Hence the crazy-mom-internet-alternative-medicine-researcher-mode.



A few people during this time recommended that I take Eddy to a chiropractor to see if they could help Eddy's constipation and digestion issues (which I strongly believe are connected to his epilepsy...actually at this point, I'm convinced all his issues - delay, digestion, seizures, potential food allergies - are related.) So, a chiropractor in West Seneca, Dr. Bova, was recommended, and last week, we took him for his first appointment the same day as his EEG. Dr. Bova stated that Eddy's C1 vertebrae, called the atlas, was shifted pretty far to the right, and he said this probably happened at birth. He recommended bringing Eddy in at least once a week for adjustments until he is realigned. On the hour ride home, I was researching atlas misalignment and reading everything I found to my dad (who has been helping me with all of Eddy's appointments to Buffalo lately - you are the best, dad!!). Honestly, I was pretty shocked at what I found. I read that, when the atlas is misaligned,  "the interactive communication between the brain and the rest of the body is disturbed, which can lead to a neurological deficit." Consequences potentially include delays crawling, delays walking, constipation, even seizures! On that drive home, my dad and I decided to take Eddy twice a week for the next few weeks to see if the adjustments help at all. At this point, Eddy has had three adjustments, and he is already walking much better than he was a week ago! Is it a coincidence? Maybe. But Eddy has been stuck at about the same point with walking for about a month now. He'd take 5-10 steps and fall because his balance wasn't great. But for the past week, Eddy has been consistently taking 20 steps at a time, and the reason he'd stop is because he reached what he wanted to get to.  Ed and I decided today that Eddy is past the "taking steps" designation and is, in our definition, at the "actually walking" designation! We are going to continue the chiropractic adjustments and see what happens. I'm very encouraged and hopeful at this point.
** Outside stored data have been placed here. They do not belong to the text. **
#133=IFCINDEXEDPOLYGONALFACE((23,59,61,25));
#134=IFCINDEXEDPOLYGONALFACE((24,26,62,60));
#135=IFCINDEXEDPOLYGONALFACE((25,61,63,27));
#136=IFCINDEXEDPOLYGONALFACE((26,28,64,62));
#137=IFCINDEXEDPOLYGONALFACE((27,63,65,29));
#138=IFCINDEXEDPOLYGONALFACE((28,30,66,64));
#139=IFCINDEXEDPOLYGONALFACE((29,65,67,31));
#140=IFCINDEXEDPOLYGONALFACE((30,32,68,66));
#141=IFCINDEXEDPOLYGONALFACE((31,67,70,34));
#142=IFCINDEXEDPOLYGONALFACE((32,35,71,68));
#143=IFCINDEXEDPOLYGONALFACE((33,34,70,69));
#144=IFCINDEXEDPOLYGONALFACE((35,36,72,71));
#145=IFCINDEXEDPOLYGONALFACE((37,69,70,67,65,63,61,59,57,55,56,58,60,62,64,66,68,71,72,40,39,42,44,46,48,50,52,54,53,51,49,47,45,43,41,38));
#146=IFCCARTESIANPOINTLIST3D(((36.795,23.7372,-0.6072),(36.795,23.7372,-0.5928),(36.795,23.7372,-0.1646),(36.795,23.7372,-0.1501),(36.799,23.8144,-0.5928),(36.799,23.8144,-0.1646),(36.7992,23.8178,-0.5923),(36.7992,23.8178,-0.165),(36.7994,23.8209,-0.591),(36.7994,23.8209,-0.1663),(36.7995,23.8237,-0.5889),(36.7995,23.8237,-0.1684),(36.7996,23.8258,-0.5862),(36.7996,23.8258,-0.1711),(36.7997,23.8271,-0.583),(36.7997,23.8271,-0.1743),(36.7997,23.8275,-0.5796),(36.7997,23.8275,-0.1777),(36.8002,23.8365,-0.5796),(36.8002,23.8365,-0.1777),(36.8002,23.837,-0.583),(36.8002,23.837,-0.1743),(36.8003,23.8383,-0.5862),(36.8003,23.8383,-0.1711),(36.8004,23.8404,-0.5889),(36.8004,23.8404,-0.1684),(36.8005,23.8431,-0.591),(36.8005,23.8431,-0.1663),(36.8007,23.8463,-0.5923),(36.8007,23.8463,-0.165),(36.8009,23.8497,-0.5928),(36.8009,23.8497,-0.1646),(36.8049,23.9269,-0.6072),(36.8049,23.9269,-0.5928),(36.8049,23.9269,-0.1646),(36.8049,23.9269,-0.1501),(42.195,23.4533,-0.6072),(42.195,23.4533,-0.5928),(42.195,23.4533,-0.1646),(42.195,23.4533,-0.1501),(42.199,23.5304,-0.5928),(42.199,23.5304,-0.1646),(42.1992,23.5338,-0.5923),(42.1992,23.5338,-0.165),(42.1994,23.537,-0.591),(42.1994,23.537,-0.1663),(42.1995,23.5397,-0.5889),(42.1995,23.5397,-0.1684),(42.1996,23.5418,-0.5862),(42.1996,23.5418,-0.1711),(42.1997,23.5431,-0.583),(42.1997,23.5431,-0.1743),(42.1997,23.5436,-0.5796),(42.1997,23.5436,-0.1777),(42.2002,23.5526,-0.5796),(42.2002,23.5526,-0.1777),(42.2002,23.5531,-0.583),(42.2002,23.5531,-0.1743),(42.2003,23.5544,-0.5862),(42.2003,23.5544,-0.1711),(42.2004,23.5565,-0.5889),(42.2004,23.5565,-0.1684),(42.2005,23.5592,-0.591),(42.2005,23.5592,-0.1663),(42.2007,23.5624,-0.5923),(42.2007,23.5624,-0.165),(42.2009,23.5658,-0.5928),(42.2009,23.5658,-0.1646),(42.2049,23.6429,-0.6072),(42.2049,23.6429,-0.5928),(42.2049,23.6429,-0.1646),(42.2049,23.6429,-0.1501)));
Eddy's neurologist, on the other hand, was not so happy about the chiropractor. On Friday, Eddy had his first neurology checkup in a few months. When I brought up the fact that we just started taking Eddy to a chiropractor, his neurologist said that if we continue taking him...wait for it...he can NO LONGER BE EDDY'S NEUROLOGIST!!!!! I have to say, I respect this doctor, I know he is very knowledgeable and intelligent, but this is going way too far. I'm not asking him to go to a chiropractor himself, and I'm not saying he has to even be happy that we're taking Eddy to a chiropractor. But the fact that he would threaten to "fire" Eddy if we independently take him to a chiropractor (which could very well HELP him...status quo right now after months of medication is a developmental delay, meds that cause Eddy painful constipation, and unchanged brain waves...and the desire to put him on more medication!), is just so inflexible and egotistical. So, we are changing neurologists.
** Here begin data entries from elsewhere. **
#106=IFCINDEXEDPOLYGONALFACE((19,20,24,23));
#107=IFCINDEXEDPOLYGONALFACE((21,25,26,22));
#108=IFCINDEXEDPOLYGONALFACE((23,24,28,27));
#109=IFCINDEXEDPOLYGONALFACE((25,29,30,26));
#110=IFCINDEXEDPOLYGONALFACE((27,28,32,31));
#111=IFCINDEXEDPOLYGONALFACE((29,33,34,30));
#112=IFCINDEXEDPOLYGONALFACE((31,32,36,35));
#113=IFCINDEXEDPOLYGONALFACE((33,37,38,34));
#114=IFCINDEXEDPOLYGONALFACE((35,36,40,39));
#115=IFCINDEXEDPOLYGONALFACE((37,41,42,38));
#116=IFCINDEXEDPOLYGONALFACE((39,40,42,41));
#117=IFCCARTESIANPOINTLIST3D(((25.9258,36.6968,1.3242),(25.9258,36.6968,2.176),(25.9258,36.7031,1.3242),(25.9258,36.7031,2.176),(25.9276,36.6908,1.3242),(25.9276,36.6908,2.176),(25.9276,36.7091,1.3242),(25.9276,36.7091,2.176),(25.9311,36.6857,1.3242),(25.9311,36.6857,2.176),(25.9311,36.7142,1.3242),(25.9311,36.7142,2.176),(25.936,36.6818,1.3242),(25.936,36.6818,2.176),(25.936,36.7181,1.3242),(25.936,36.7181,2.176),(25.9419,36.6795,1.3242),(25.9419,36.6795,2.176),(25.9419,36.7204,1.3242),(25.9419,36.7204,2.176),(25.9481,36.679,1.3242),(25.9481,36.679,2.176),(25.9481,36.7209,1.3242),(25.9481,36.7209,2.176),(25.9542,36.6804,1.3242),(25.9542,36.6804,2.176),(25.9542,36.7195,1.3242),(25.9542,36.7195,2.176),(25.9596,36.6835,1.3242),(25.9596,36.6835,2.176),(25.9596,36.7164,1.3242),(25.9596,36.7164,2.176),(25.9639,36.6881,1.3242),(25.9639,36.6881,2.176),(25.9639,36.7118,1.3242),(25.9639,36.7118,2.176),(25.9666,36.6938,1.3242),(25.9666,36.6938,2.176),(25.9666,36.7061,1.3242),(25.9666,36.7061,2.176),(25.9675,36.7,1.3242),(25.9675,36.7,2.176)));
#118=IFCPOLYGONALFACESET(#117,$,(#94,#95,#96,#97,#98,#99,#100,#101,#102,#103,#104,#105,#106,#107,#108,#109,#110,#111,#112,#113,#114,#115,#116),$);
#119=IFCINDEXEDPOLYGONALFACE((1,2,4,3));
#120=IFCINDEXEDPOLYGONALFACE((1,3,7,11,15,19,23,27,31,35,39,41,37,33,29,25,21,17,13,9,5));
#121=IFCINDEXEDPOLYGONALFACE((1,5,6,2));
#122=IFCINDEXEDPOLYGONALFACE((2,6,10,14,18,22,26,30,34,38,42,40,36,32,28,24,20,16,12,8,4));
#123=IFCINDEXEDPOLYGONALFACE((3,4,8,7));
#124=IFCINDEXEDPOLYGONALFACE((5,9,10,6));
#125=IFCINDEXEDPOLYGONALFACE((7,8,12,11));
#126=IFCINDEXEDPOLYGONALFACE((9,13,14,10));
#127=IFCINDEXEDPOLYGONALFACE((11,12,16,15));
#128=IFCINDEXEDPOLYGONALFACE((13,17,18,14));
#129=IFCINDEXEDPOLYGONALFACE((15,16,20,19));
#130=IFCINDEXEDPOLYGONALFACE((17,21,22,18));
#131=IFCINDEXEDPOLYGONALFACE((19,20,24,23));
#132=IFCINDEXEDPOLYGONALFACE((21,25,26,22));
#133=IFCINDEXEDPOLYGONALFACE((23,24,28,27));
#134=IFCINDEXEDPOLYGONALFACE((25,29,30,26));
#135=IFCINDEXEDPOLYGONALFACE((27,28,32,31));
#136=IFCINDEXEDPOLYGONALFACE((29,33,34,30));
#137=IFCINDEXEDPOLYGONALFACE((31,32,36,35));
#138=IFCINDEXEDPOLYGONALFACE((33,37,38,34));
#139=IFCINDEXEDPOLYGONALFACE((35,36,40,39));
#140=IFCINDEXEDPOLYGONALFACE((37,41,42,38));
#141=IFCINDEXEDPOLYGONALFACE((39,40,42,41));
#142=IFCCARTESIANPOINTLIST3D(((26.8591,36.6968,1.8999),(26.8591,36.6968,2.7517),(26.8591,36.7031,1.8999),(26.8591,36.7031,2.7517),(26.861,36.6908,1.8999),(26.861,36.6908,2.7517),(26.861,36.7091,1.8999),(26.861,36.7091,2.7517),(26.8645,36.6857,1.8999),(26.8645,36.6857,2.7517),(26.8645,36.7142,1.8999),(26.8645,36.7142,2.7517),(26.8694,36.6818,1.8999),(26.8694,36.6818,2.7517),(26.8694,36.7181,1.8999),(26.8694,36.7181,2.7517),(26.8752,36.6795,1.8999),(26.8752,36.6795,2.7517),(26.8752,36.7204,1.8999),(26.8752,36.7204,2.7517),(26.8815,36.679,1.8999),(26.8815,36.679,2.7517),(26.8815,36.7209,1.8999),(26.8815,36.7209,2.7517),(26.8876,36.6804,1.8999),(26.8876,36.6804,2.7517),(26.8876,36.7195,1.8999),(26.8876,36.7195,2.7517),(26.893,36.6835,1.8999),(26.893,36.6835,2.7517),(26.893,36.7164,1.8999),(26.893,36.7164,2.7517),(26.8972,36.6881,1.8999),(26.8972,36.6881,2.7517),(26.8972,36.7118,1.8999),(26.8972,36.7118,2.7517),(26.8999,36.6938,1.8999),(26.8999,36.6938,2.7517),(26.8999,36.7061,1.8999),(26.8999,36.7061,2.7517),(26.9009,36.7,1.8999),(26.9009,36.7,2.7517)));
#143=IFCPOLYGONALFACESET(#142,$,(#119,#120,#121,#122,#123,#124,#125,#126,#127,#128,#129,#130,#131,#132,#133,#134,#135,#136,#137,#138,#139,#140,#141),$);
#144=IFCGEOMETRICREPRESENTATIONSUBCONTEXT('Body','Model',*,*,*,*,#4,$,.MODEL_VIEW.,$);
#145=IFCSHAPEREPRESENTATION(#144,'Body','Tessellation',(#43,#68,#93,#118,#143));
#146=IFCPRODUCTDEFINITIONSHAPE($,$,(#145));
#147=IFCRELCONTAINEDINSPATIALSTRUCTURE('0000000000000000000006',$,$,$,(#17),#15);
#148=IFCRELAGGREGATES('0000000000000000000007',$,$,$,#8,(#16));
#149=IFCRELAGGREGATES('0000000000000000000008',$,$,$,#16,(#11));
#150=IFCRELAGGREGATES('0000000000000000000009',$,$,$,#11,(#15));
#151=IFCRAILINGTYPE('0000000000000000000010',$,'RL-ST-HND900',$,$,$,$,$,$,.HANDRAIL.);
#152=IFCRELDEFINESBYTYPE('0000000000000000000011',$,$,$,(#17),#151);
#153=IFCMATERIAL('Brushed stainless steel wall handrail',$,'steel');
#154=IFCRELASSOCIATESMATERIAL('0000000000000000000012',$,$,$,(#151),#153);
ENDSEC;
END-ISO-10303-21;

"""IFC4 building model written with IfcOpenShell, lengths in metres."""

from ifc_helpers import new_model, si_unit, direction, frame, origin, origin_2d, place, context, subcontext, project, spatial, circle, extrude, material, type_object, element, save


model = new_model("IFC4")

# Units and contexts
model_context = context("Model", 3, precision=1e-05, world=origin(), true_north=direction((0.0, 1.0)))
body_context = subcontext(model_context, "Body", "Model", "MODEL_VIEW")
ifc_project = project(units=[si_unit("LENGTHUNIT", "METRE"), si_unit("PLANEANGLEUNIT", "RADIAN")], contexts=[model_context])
We got the results of his EEG back, and unfortunately it's unchanged from Novemenber. It was still abnormal, and his brain waves are pretty much the same as they were a few months ago - normal when he is awake and abnormal when he is asleep. We were hoping that his EEG would have gotten better, especially because he's been doing much better seizure-wise, but unfortunately that wasn't the case. If this whole situation has taught us anything, it's that prayers are not neccesarily answered on the time-table we expect, but flickers of hope have kept us searching for the right answer.